1a. If you like Shilov and want to read something else, I recommend
Matrix Analysis by Roger A. Horn, Charles R. Johnson,
see http://www.amazon.com/exec/obidos/ASIN/0521386322/qid=917476092/sr=1-1/002-4903982-5705246
2. If you do not like Shilov, read Axler first, but then return to Shilov and try it again.
Please let me know whether you like Shilov, or not.
Forum: Math 5718 S99
Date: Wed, 27 Jan 1999 19:56:22 MST
From: Saulo <saulo@math.ucdenver.edu>
Check on Problem 10, Chp1: the last row of the determinant on the right hand side of the equation has a strange pattern:
x_1^(n-1) x_2^(n-2) ... x_n^(n-1)
typo in col 2
Forum: Math 5718 S99
Re: Typo ? (Saulo)
Keywords: typographical error
Date: Wed, 27 Jan 1999 21:18:22 MST
From: <frank.duca@ucdenver.edu>
i believe, thru my great powers of deduction, that there is a
misprint in the second determinant when the summation on the
right is factored out of the first determinant.
the last row, second column entry in the right determinant should
be X-sub2 to the (n-1) power. this is the only way it makes
sense to me.
zat what u meant, saulo?
Forum: Math 5718 S99
Date: Thu, 28 Jan 1999 19:20:27 GMT
From: <unknown>
Is there another typo in the answer to problem two chapter 1?

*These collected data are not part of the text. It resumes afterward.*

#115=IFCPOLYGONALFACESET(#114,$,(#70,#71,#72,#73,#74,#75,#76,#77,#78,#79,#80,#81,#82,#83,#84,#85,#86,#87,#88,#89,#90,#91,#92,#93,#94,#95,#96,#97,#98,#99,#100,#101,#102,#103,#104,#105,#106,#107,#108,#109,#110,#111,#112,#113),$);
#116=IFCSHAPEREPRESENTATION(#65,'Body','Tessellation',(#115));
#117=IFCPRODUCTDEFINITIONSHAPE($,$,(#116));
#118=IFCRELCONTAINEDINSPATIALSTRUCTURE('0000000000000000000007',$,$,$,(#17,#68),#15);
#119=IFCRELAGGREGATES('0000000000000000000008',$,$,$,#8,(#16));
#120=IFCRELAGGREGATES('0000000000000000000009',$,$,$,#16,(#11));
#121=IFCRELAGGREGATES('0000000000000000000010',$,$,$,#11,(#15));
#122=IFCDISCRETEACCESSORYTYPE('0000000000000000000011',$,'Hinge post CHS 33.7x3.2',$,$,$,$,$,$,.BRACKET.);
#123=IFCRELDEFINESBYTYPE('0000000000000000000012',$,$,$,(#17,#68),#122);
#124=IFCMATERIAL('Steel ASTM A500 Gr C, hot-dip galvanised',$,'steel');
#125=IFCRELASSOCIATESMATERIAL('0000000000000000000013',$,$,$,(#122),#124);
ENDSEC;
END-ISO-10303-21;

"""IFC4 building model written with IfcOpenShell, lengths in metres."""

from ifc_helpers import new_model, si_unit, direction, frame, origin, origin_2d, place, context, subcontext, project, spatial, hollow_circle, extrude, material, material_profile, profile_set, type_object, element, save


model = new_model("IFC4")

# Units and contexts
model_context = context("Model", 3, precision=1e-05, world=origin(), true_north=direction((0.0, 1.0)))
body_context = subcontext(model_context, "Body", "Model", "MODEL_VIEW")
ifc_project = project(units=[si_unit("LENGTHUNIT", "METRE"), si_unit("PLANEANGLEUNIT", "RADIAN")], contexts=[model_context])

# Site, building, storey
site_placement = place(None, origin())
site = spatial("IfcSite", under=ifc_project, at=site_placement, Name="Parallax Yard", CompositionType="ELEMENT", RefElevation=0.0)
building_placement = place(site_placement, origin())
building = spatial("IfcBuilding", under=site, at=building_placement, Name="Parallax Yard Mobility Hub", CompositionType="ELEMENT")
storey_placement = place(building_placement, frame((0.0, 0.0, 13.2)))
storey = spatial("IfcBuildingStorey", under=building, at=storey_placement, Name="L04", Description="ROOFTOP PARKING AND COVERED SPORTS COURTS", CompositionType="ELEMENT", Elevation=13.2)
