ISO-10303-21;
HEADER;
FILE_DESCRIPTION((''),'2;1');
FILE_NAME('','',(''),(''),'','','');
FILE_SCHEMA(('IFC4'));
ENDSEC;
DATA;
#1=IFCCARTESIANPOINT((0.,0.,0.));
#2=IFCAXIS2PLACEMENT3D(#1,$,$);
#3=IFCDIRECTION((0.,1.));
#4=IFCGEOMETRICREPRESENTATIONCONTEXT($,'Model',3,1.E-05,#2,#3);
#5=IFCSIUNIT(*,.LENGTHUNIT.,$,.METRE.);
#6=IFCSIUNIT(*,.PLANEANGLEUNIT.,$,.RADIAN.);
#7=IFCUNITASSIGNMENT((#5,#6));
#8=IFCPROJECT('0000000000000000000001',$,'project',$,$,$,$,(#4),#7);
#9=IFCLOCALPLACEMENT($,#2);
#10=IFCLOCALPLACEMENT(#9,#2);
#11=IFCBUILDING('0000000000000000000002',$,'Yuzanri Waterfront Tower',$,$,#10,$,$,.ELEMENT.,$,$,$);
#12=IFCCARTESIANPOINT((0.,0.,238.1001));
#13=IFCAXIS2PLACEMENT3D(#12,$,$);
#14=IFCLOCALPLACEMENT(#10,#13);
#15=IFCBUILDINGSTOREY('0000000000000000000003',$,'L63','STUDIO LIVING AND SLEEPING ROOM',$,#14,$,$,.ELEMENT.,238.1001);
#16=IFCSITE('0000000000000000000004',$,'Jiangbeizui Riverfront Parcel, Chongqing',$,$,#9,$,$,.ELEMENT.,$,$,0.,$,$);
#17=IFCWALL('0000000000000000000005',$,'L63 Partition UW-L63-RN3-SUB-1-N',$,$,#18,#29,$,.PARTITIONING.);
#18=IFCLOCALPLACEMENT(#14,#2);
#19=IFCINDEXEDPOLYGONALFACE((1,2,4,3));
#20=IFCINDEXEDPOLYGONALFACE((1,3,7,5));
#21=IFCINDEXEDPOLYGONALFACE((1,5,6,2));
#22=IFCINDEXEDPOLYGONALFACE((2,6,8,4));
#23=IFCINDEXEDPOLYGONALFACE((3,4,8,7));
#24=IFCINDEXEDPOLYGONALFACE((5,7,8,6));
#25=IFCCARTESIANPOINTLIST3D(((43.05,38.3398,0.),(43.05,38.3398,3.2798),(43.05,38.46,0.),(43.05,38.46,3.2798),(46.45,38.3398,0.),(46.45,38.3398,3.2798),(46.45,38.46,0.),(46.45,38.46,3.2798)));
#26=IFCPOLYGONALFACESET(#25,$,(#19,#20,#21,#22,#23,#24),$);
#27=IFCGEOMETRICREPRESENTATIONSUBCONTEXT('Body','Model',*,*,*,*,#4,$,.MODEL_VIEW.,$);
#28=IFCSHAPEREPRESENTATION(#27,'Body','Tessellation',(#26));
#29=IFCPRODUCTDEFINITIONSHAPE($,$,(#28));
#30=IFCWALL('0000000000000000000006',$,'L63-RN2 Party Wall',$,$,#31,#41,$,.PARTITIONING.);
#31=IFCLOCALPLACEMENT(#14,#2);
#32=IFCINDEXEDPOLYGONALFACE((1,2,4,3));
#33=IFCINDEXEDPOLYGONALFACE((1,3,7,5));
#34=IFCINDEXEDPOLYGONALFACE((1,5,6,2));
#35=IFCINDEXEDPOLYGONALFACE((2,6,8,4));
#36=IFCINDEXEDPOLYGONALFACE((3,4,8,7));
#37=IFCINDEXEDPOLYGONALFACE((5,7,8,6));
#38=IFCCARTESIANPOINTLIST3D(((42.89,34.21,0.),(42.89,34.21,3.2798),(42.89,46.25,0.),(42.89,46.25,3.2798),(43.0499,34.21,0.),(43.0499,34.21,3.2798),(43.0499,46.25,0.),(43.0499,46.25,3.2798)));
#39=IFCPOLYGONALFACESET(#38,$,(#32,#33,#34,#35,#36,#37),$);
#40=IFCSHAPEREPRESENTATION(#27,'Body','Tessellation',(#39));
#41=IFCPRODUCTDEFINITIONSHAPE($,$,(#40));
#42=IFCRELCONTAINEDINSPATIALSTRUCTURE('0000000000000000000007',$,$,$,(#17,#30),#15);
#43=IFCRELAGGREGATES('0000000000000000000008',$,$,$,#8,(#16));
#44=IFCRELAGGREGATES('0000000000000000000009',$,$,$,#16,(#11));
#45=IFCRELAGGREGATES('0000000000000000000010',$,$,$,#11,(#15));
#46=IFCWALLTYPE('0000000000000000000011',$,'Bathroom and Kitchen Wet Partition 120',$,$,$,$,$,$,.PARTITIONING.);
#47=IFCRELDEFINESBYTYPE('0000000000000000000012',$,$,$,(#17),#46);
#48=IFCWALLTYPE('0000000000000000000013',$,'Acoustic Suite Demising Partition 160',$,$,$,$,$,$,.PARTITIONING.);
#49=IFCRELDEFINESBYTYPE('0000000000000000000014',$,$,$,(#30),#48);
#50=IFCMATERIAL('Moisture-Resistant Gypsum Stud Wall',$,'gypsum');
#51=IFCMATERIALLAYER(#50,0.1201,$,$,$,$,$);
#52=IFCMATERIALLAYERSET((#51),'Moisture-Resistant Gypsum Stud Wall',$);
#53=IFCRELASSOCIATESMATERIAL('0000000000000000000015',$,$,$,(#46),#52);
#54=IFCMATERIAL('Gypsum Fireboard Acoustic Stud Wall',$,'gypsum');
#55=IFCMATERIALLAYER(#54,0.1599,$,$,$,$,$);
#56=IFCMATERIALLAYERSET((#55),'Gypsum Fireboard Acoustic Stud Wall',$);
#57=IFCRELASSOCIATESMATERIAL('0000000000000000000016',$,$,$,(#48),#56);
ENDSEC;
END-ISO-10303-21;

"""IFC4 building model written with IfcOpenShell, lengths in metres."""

from ifc_helpers import new_model, si_unit, direction, frame, frame_2d, origin, place, context, subcontext, project, spatial, rectangle, extrude, source, transform, mapped, material, layer, layer_set, type_object, element, save


model = new_model("IFC4")

# Units and contexts
model_context = context("Model", 3, precision=1e-05, world=origin(), true_north=direction((0.0, 1.0)))
body_context = subcontext(model_context, "Body", "Model", "MODEL_VIEW")
ifc_project = project(units=[si_unit("LENGTHUNIT", "METRE"), si_unit("PLANEANGLEUNIT", "RADIAN")], contexts=[model_context])

# Site, building, storey
site_placement = place(None, origin())
site = spatial("IfcSite", under=ifc_project, at=site_placement, Name="Jiangbeizui Riverfront Parcel, Chongqing", CompositionType="ELEMENT", RefElevation=0.0)
building_placement = place(site_placement, origin())
building = spatial("IfcBuilding", under=site, at=building_placement, Name="Yuzanri Waterfront Tower", CompositionType="ELEMENT")
storey_placement = place(building_placement, frame((0.0, 0.0, 238.1001)))
storey = spatial("IfcBuildingStorey", under=building, at=storey_placement, Name="L63", Description="STUDIO LIVING AND SLEEPING ROOM", CompositionType="ELEMENT", Elevation=238.1001)

# Shared definitions
ifc_material_1 = material(Name="Moisture-Resistant Gypsum Stud Wall", Category="gypsum")
ifc_layer_1 = layer(ifc_material_1, 0.1201)
ifc_layer_set_1 = layer_set([ifc_layer_1], Name="Moisture-Resistant Gypsum Stud Wall")
wall_type_1 = type_object("IfcWallType", Name="Bathroom and Kitchen Wet Partition 120", PredefinedType="PARTITIONING", material=ifc_layer_set_1)

# Walls
shared_shape_1 = source(origin(), body_context, "Body", "SweptSolid", [
    extrude(rectangle(XDim=3.3999, YDim=0.1201, at=frame_2d((1.7, 0.0))), origin(), (0.0, 0.0, 1.0), 3.2798),
])
wall_1_placement = place(storey_placement, frame((43.05, 38.3999, 0.0), z_axis=(0.0, 0.0, 1.0), x_axis=(1.0, 0.0, 0.0)))
element("IfcWall", 1, at=wall_1_placement, inside=storey, type_object=wall_type_1, Name="L63 Partition UW-L63-RN3-SUB-1-N", PredefinedType="PARTITIONING", context=body_context, shape_type="MappedRepresentation", body=[
    mapped(shared_shape_1, transform((0.0, 0.0, 0.0), scale=1.0)),
])
ifc_material_2 = material(Name="Gypsum Fireboard Acoustic Stud Wall", Category="gypsum")
ifc_layer_2 = layer(ifc_material_2, 0.1599)
ifc_layer_set_2 = layer_set([ifc_layer_2], Name="Gypsum Fireboard Acoustic Stud Wall")
wall_type_2 = type_object("IfcWallType", Name="Acoustic Suite Demising Partition 160", PredefinedType="PARTITIONING", material=ifc_layer_set_2)
shared_shape_2 = source(origin(), body_context, "Body", "SweptSolid", [
    extrude(rectangle(XDim=12.04, YDim=0.1599, at=frame_2d((6.02, 0.0))), origin(), (0.0, 0.0, 1.0), 3.2798),
])
wall_2_placement = place(storey_placement, frame((42.97, 34.21, 0.0), z_axis=(0.0, 0.0, 1.0), x_axis=(0.0, 1.0, 0.0)))
element("IfcWall", 2, at=wall_2_placement, inside=storey, type_object=wall_type_2, Name="L63-RN2 Party Wall", PredefinedType="PARTITIONING", context=body_context, shape_type="MappedRepresentation", body=[
    mapped(shared_shape_2, transform((0.0, 0.0, 0.0), scale=1.0)),
])

save(model, "model.ifc")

I have as an answer for the last product with a negative number the following:
a14a31a23a42 and the answer in the back of the book says: a14a31a23a44 which I can't make work.
Any comments?
Thanks,
Joe Kaiser
Forum: Math 5718 S99
Keywords: independent variable
Date: Wed, 24 Feb 1999 16:58:58 MST
From: Andrew Knyazev <aknyazev@math.ucdenver.edu>
A student asks:
A quick question for you on Problem 2 of Quiz #1. Could you please
clarify for me the proper interpretation of the lower
case x please?
1) One way to interpreted this problem is that the lower case
x used in L=span{x}, 1+x+x**2, 1+x-x**2, and 2+ix is that
these x do not have to be the same value. In other words, this
can be phrased as L=span{e}, 1+m+m**2, 1+n-n**2, and
2+i(p) where e,m,n, and p exist in the complex.
2) The lower case x exist in the complex but once selected can
not change and must be used in L=span{x}, 1+x+x**2,
1+x-x**2, and 2+ix. Therefore,
if x is selected as 1+i then L=span{1+i}, 1+(1+i)+(1+i)**2, 1+(1+i)-(1+i)**2, and 2+i(1+i).
I am unsure what the correct interpretation of this lower case x is and it has a great impact on the solution.
My answer:
None of those is correct. The lower case x is the independent
variable, like in functions sin(x) and cos(x). The value of x in
sin(x) and cos(x) is the same, but it is not in your control
when you use span. So, this would be incorrect to say that the
span { sin(x), cos(x)} = span {sin (1) , cos (1)} when x=1.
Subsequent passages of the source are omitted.